Basically, how long does one need to keep a puppy indoors? How long to keep away from grassy restrooms? And how long to keep away from strange dogs?

Lots of questions in there. Thanks.


----------



## Ozkar (Jul 4, 2011)

Till they have their 2nd lot of shots. I think maybe 12-14 weeks is when I let loose with mine. 

There is so much info in here it's silly. While waiting for pup to arrive, try using the search function on some of the questions you might have. There will be lots of threads come up with loads of really helpful information.






Oh....sorry.........and a big Roo Roo Roo welcome!!!


----------



## DaveD (Oct 6, 2012)

We went through the same questions recently.

We found some articles talking about maternal antibodies and how those start to clear sometime between 8 and 12 weeks for some of the pathogens. The first shot at 8/9wks is designed to protect a pup who's maternal AB's are gone early, but in many cases will not provide additional protection because the pup may already be protected.

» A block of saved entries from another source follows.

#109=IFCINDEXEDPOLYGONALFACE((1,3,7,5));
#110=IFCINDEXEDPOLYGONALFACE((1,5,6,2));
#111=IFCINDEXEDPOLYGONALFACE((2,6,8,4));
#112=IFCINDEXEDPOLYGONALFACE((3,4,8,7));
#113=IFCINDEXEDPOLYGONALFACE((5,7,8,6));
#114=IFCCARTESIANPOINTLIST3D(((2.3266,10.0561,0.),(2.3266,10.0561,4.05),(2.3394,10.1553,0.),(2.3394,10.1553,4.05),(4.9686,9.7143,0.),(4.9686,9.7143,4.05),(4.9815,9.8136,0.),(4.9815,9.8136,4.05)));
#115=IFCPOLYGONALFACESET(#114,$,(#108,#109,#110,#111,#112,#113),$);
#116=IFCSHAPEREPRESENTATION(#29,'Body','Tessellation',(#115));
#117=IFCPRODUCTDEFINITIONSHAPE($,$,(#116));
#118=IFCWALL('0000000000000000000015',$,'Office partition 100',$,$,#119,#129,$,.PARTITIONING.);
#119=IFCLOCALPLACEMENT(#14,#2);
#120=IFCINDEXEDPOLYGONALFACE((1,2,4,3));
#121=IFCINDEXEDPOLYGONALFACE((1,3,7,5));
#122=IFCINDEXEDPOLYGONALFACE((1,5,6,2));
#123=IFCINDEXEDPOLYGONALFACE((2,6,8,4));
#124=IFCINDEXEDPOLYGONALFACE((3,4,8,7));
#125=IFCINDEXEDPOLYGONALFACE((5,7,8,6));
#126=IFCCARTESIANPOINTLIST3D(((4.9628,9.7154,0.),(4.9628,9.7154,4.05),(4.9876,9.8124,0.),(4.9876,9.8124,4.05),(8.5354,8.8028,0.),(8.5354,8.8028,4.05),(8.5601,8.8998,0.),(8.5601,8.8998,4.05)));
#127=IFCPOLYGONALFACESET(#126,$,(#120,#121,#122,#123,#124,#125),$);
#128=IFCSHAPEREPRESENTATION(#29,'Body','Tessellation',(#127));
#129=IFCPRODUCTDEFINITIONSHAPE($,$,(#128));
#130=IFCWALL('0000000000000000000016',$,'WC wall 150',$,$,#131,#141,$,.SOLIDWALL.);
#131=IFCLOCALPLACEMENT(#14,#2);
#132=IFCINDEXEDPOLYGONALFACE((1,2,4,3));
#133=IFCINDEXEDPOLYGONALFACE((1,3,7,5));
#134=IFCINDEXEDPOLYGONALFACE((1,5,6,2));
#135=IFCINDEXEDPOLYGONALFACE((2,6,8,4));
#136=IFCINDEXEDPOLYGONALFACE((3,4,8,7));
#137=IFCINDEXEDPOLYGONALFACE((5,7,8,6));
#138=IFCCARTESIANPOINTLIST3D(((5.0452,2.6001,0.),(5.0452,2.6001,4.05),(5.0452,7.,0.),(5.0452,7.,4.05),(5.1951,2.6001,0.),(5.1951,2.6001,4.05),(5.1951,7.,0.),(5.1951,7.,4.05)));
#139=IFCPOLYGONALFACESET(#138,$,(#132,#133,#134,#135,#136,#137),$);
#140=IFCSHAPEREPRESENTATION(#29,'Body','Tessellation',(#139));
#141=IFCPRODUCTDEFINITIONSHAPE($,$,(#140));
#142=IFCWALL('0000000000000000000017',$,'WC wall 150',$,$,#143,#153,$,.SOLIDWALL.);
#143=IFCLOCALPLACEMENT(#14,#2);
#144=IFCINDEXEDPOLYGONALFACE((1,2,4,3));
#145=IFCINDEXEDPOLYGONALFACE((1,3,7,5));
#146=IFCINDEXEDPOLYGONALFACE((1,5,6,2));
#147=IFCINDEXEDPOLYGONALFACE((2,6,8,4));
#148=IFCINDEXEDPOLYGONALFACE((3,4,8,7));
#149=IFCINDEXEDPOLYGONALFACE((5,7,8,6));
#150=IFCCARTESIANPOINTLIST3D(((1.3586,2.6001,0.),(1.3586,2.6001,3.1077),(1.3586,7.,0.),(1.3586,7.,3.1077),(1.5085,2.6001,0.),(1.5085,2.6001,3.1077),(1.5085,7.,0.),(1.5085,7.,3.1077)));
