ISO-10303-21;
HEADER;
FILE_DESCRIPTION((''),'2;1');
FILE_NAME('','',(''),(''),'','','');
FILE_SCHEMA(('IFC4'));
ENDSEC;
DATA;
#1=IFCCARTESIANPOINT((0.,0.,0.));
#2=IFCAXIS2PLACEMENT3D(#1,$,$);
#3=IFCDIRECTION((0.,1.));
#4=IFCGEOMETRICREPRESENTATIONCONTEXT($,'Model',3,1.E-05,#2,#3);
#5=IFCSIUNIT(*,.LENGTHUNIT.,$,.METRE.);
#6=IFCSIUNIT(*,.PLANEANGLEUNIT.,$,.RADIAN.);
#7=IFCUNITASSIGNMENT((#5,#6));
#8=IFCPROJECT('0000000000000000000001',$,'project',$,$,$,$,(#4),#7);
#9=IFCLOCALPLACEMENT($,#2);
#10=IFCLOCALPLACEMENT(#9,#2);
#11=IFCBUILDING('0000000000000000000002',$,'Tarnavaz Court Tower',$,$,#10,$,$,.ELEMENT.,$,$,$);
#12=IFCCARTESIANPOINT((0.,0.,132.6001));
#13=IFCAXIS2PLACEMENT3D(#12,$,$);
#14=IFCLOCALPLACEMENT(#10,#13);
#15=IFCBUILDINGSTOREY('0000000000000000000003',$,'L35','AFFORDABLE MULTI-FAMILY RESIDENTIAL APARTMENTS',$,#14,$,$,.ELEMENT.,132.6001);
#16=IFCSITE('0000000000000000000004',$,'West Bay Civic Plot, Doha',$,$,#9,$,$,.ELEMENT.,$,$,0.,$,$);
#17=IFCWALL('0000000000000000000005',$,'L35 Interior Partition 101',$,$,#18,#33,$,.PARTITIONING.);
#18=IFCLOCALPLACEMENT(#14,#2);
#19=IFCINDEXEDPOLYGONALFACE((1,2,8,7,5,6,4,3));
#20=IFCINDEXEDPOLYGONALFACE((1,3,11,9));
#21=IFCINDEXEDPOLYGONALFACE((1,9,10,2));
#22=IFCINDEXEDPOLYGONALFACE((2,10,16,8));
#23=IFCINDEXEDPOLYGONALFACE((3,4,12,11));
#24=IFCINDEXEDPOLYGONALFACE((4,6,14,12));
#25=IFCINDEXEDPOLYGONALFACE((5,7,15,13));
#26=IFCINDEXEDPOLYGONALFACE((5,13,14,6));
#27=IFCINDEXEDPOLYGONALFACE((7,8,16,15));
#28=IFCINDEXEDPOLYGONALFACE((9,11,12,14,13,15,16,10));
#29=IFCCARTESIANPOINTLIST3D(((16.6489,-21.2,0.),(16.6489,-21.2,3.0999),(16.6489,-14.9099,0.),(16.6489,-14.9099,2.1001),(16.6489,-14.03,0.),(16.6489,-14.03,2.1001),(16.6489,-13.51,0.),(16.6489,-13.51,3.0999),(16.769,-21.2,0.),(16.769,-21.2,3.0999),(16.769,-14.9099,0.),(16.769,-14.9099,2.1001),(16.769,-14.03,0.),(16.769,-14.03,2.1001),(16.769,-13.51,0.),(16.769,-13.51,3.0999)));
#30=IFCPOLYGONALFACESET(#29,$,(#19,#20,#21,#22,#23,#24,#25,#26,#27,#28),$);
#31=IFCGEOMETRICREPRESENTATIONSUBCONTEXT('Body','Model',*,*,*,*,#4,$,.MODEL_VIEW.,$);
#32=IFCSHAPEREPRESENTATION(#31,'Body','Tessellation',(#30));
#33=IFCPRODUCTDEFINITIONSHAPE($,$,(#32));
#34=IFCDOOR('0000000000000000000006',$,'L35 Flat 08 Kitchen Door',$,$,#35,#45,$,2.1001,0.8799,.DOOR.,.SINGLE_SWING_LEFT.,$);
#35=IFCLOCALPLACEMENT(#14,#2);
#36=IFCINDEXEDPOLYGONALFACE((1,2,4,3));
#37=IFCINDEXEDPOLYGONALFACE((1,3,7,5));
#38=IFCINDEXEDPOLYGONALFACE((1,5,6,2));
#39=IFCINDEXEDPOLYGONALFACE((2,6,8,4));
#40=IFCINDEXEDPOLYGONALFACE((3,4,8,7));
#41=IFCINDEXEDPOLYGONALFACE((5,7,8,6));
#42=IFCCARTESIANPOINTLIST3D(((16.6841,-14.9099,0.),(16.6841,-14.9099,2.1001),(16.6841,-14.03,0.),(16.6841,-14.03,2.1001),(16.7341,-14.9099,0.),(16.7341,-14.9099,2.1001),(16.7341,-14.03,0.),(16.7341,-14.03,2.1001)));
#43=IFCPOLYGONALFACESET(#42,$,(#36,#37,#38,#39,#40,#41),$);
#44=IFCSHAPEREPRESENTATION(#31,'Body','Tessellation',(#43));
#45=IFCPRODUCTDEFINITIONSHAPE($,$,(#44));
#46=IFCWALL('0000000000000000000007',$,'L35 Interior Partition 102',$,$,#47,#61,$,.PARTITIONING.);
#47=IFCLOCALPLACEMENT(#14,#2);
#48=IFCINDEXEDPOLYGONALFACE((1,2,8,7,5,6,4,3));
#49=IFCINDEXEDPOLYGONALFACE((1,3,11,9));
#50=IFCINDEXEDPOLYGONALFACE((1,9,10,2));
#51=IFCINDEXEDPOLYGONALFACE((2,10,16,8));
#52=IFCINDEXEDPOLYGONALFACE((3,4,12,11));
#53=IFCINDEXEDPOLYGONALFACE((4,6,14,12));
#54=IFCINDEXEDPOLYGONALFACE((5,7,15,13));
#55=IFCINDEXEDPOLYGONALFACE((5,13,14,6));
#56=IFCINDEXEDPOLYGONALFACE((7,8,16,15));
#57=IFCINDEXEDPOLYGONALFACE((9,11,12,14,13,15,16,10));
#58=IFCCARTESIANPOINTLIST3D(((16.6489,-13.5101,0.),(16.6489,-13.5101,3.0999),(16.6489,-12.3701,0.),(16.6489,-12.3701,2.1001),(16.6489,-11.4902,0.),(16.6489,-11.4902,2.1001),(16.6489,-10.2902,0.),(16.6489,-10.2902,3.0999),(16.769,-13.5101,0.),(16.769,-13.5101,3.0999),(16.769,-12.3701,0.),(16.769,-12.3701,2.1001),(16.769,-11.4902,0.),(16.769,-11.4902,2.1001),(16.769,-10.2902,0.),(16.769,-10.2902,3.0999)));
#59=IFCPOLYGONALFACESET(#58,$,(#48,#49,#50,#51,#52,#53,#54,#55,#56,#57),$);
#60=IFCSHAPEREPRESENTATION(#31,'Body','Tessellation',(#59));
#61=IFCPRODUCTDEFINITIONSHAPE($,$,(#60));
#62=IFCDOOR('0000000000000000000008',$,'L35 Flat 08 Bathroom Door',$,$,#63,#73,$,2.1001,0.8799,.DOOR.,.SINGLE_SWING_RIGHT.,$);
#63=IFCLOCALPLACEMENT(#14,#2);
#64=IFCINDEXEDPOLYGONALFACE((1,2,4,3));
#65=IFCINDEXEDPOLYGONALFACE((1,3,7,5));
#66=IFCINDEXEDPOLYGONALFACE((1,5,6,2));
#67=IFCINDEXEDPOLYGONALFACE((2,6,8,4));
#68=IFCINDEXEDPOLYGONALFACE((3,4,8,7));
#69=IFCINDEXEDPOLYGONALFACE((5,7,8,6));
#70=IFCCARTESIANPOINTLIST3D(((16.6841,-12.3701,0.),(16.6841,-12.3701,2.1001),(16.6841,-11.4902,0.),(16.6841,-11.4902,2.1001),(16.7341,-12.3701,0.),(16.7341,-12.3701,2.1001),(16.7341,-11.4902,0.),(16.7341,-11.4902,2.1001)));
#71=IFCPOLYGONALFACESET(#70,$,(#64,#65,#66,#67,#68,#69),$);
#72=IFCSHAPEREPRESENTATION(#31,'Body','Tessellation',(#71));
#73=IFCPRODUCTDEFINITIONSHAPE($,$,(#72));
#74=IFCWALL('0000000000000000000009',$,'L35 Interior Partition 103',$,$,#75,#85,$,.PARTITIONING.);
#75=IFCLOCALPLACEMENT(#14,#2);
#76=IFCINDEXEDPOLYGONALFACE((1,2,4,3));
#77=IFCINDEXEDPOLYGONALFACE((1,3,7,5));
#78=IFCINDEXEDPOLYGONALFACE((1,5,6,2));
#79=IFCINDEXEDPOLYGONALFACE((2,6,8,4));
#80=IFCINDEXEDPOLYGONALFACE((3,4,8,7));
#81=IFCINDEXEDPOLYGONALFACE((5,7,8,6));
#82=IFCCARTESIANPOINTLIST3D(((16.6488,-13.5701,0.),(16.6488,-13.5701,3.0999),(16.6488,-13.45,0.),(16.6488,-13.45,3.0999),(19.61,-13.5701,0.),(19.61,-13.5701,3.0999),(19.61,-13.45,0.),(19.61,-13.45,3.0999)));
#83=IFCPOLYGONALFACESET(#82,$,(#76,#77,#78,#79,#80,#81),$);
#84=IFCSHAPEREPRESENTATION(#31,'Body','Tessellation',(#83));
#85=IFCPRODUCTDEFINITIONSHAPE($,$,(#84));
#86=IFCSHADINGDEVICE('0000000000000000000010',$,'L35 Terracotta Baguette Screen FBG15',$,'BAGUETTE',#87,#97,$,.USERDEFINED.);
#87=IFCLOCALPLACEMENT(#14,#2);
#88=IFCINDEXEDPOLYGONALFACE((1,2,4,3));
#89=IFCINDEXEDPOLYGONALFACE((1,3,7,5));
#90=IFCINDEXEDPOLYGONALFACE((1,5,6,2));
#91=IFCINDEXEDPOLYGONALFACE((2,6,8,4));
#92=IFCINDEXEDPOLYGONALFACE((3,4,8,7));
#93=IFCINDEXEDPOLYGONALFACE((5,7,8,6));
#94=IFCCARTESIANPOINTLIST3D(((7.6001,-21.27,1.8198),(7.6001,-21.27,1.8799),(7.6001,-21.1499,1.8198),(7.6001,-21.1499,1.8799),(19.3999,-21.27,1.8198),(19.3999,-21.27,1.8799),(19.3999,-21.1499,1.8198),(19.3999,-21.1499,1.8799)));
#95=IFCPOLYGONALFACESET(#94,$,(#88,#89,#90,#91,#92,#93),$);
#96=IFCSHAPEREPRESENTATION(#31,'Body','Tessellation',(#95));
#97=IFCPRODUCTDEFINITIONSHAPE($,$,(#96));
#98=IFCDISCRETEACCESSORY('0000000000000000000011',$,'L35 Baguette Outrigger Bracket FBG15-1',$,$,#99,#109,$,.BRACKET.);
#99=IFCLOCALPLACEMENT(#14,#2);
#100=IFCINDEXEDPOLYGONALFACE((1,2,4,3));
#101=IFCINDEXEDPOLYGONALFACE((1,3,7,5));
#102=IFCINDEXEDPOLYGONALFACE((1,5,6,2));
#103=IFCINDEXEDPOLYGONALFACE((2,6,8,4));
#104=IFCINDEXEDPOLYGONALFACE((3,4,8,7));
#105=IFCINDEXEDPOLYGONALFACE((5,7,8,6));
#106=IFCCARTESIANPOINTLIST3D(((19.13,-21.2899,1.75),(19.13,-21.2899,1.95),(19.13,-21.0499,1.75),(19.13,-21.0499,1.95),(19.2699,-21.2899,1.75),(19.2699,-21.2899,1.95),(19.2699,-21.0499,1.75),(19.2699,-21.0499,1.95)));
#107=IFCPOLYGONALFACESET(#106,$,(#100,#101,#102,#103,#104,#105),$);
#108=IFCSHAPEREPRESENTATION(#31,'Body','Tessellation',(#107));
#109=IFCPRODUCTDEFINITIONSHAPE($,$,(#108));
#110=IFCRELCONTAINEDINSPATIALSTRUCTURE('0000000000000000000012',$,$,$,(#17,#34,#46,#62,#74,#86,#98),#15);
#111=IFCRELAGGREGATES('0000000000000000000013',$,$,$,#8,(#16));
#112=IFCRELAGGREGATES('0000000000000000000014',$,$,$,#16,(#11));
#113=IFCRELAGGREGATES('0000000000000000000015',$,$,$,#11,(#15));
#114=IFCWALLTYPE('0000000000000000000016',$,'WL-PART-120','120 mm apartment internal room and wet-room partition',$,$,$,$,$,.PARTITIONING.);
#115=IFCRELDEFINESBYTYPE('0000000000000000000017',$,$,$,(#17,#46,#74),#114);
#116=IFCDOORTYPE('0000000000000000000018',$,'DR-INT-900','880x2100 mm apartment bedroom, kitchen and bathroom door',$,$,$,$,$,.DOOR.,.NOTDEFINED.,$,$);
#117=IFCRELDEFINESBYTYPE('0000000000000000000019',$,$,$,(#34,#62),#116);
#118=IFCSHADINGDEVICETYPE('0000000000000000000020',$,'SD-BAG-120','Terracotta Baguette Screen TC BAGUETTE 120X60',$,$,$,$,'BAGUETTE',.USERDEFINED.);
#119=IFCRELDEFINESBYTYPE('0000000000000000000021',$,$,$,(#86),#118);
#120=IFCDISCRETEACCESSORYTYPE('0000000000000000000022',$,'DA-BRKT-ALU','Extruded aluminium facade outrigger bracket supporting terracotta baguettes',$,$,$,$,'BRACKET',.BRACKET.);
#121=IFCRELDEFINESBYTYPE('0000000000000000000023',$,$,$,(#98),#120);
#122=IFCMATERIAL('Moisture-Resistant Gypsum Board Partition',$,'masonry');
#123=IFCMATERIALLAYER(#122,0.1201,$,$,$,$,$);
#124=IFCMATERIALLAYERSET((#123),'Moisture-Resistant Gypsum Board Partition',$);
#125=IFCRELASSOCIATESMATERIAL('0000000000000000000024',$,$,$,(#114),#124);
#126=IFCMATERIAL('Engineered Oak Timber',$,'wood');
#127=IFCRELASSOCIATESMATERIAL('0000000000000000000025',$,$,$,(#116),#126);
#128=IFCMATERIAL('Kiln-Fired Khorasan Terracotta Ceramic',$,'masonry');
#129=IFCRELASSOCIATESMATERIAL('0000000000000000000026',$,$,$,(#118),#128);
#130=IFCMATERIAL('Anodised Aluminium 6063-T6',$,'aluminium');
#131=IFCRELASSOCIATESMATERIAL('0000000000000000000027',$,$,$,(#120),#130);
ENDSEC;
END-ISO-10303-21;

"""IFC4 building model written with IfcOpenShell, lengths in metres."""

from ifc_helpers import new_model, si_unit, direction, frame, frame_2d, origin, origin_2d, place, context, subcontext, project, spatial, rectangle, extrude, material, layer, layer_set, material_profile, profile_set, type_object, element, fill, save


model = new_model("IFC4")

# Units and contexts
model_context = context("Model", 3, precision=1e-05, world=origin(), true_north=direction((0.0, 1.0)))
body_context = subcontext(model_context, "Body", "Model", "MODEL_VIEW")
ifc_project = project(units=[si_unit("LENGTHUNIT", "METRE"), si_unit("PLANEANGLEUNIT", "RADIAN")], contexts=[model_context])

# Site, building, storey
site_placement = place(None, origin())
site = spatial("IfcSite", under=ifc_project, at=site_placement, Name="West Bay Civic Plot, Doha", CompositionType="ELEMENT", RefElevation=0.0)
building_placement = place(site_placement, origin())
building = spatial("IfcBuilding", under=site, at=building_placement, Name="Tarnavaz Court Tower", CompositionType="ELEMENT")
storey_placement = place(building_placement, frame((0.0, 0.0, 132.6001)))
storey = spatial("IfcBuildingStorey", under=building, at=storey_placement, Name="L35", Description="AFFORDABLE MULTI-FAMILY RESIDENTIAL APARTMENTS", CompositionType="ELEMENT", Elevation=132.6001)

# Walls, openings, doors
ifc_material_1 = material(Name="Moisture-Resistant Gypsum Board Partition", Category="masonry")
ifc_layer_1 = layer(ifc_material_1, 0.1201)
ifc_layer_set_1 = layer_set([ifc_layer_1], Name="Moisture-Resistant Gypsum Board Partition")
wall_type_1 = type_object("IfcWallType", Name="WL-PART-120", Description="120 mm apartment internal room and wet-room partition", PredefinedType="PARTITIONING", material=ifc_layer_set_1)
ifc_material_2 = material(Name="Engineered Oak Timber", Category="wood")
door_type = type_object("IfcDoorType", Name="DR-INT-900", Description="880x2100 mm apartment bedroom, kitchen and bathroom door", OperationType="NOTDEFINED", PredefinedType="DOOR", material=ifc_material_2)
wall_1_placement = place(storey_placement, frame((16.709, -21.2, 0.0), z_axis=(0.0, 0.0, 1.0), x_axis=(0.0, 1.0, 0.0)))
wall_1 = element("IfcWall", 1, at=wall_1_placement, inside=storey, type_object=wall_type_1, Name="L35 Interior Partition 101", PredefinedType="PARTITIONING", context=body_context, shape_type="SweptSolid", body=[
    extrude(rectangle(XDim=7.6899, YDim=0.1201, at=frame_2d((3.845, 0.0))), origin(), (0.0, 0.0, 1.0), 3.0999),
])
opening_1_placement = place(wall_1_placement, frame((6.29, 0.0, 0.0)))
opening_1 = element("IfcOpeningElement", 2, at=opening_1_placement, cuts=wall_1, PredefinedType="OPENING", context=body_context, shape_type="SweptSolid", body=[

Call it an insurance policy if you like. Our vet said feel free to visit with other dogs after the first shot, but I have heard others say wait until after the second shot. We view the third shot as a booster for the second for some of the pathogens.

My wife and I have graduate medical science degrees, so we read the journals and figured out what was right for us and our pup.


----------



## KB87 (Jan 30, 2012)

I was told that the second set of shots is when you should be in the clear. This is why many puppy classes won't let you join until the second set of shots is complete and they are 12 weeks.

If there are dogs you know are healthy then I see no reason to not start socialization with them. For example, my mother's dogs and my grandmother's dogs were introduced to our boy the day after we got him. They weren't overly interested in him so there wasn't a ton of contact but he was so excited to see dogs after leaving his litter. After his first visit to the vet we took him to the pet store but carried him the whole time. Over the next few weeks we started to walk him and he started to meet the neighbors and their dogs.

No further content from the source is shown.